Crispin waited in silence, until finally Tom looked up.
‘And you left.’
‘And I left. I never came back for holidays after that, if I could help it.’
‘Mr Sutherland. Tom. We are becoming, all the time. You are a good man. I don’t know your sister, and even I can see that if you had tried to assert yourself above her back then, it would have been unbearable. You would have achieved what your father never could, and broken her.’
Tom slid down the wall, and sat on the floor.
‘What happened when you didn’t get into Oxford?’
‘By then Lydia was his great hope. All he wanted from me was to stay out of his way. He still thought he would get another boy on Mother. Such awful nights, when we would all . . .’ He looked up, fierce and gone, because this was what everything came back to. ‘I decided to kill him.’
Crispin’s eyes were soft, and full of pity. ‘All boys at one time or anoth—’
‘I put a pistol in my pocket. I walked all the way to the inn, knowing this was the end. I would act. At last, I would act.’
For the first time, Crispin’s expression was unsettled. ‘My God, did you . . .’
‘I was standing just inside the door, and I had my hand wrapped around the gun, and another man stood and shot him.
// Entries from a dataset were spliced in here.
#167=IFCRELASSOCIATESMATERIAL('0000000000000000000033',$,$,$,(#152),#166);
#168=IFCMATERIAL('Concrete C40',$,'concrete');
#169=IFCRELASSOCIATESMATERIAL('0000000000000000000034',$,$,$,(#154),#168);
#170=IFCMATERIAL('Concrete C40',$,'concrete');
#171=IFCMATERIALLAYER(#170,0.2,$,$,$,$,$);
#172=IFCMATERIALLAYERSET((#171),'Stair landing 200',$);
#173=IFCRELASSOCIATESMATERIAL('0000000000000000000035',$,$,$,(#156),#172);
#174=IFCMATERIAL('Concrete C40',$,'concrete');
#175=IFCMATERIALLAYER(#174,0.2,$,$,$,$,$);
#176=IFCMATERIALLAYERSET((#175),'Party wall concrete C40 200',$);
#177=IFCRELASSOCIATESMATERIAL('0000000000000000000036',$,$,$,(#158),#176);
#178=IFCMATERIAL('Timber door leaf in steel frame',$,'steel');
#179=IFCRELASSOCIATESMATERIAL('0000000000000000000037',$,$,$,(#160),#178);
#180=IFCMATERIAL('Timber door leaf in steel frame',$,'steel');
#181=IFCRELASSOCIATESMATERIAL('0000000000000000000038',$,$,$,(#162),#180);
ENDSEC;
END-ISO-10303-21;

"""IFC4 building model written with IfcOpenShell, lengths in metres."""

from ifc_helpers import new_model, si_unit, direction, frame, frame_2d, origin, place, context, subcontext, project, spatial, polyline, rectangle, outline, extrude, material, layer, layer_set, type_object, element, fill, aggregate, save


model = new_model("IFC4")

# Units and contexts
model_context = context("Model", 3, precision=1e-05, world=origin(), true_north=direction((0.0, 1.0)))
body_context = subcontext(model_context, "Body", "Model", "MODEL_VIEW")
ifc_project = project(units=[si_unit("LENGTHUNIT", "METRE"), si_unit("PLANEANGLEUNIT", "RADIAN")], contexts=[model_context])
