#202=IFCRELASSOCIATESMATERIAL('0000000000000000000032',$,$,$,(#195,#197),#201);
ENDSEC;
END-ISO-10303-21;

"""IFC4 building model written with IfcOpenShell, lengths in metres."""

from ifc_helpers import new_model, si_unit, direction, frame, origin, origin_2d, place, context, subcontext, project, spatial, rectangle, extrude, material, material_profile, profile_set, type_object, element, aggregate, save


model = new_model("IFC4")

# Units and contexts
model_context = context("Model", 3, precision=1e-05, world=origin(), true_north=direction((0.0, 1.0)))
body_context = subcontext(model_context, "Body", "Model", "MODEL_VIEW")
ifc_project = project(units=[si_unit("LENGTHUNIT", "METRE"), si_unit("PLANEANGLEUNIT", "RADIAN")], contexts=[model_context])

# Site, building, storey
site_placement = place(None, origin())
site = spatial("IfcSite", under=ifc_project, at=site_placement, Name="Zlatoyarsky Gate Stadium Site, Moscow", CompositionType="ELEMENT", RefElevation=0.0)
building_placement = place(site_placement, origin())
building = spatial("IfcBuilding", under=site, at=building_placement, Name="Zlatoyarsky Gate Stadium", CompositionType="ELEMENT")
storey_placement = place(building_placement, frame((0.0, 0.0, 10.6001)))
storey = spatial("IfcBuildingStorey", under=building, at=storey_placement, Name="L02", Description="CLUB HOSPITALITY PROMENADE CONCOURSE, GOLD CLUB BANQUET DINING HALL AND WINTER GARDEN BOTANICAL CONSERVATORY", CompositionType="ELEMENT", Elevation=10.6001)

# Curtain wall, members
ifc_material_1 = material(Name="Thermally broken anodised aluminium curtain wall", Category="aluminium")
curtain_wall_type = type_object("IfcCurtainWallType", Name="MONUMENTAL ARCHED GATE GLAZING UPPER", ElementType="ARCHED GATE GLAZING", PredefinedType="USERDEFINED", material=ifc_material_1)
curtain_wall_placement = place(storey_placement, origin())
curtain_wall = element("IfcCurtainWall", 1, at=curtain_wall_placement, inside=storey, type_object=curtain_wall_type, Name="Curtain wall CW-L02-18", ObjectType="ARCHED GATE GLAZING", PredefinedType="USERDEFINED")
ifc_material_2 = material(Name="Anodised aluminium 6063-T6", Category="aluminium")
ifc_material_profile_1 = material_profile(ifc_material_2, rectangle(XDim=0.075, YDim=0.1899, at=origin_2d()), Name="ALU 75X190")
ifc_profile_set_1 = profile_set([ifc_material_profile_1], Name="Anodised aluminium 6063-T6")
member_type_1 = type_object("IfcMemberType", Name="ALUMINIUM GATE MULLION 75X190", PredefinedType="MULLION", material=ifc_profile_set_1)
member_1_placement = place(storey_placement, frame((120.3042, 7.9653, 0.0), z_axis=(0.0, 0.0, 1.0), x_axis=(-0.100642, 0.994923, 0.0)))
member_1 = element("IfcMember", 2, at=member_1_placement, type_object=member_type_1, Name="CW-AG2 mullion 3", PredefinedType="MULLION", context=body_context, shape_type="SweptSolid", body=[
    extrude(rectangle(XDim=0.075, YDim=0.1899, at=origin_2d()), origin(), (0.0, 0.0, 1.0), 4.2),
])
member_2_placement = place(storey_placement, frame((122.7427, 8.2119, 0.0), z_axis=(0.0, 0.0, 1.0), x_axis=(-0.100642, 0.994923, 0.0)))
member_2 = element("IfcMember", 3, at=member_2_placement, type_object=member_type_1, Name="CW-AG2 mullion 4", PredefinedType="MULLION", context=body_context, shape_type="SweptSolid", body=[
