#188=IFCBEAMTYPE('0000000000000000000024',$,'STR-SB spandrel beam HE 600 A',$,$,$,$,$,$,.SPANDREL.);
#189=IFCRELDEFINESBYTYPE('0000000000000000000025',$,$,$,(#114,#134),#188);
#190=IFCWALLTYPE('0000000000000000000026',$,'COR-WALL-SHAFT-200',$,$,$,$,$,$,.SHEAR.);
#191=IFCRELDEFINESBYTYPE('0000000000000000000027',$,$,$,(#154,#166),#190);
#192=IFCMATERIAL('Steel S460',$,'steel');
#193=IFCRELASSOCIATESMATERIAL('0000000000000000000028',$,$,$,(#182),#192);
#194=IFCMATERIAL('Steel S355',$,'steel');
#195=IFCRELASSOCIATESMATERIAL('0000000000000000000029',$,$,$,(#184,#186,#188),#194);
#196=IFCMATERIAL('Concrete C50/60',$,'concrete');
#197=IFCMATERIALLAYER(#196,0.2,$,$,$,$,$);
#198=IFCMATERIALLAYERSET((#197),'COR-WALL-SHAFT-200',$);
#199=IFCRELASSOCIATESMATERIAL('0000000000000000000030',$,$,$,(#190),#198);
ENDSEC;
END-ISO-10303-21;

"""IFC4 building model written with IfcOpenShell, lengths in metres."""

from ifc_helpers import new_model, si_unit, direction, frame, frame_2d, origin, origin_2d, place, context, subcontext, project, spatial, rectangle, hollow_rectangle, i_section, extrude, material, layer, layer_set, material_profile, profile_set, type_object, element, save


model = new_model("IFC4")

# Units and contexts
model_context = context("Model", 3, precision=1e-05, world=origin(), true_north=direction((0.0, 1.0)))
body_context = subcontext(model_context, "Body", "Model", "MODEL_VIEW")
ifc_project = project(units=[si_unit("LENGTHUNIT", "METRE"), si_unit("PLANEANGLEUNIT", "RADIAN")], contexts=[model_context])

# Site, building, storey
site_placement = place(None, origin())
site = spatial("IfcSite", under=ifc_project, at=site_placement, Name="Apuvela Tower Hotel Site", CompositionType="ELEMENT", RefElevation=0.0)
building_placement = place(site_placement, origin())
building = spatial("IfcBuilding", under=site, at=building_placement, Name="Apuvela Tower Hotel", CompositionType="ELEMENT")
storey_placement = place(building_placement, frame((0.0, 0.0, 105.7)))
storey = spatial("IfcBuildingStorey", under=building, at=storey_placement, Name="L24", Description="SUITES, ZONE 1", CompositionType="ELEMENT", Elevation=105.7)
He had cheated at cards. He always cheated at cards. So another man, who was angry and drunk, shot him in the chest. I carried him home. He cursed me, bleeding in my arms like a child, and the weight of that pistol bumped against my thigh the whole way. It was a nightmare. I never woke from it.’
Crispin knelt before him, his knees outside Tom’s knees. He brushed Tom’s hair from his face, so gentle and warm. Something dangerous, and precious, that Tom hadn’t dared dream of.
‘Come to bed,’ Crispin said. ‘Come and sleep in my embrace. And I will wake you in the morning.’
‘Good morning,’ someone – a woman – said, and threw open the curtains.
Jude flung an arm across his eyes, and tried to say, ‘Not any more.’ His mouth made a series of sounds that didn’t quite cohere into words.
Oh well.
The bed dipped as the woman sat. ‘I’ve come to shave you, on Kit’s command. We have agreed you must continue to play the woman until I can find a way to make you leave. Not that I necessarily know how to shave a man, but your neat little trick makes it impossible for Tom to come into your bedroom.’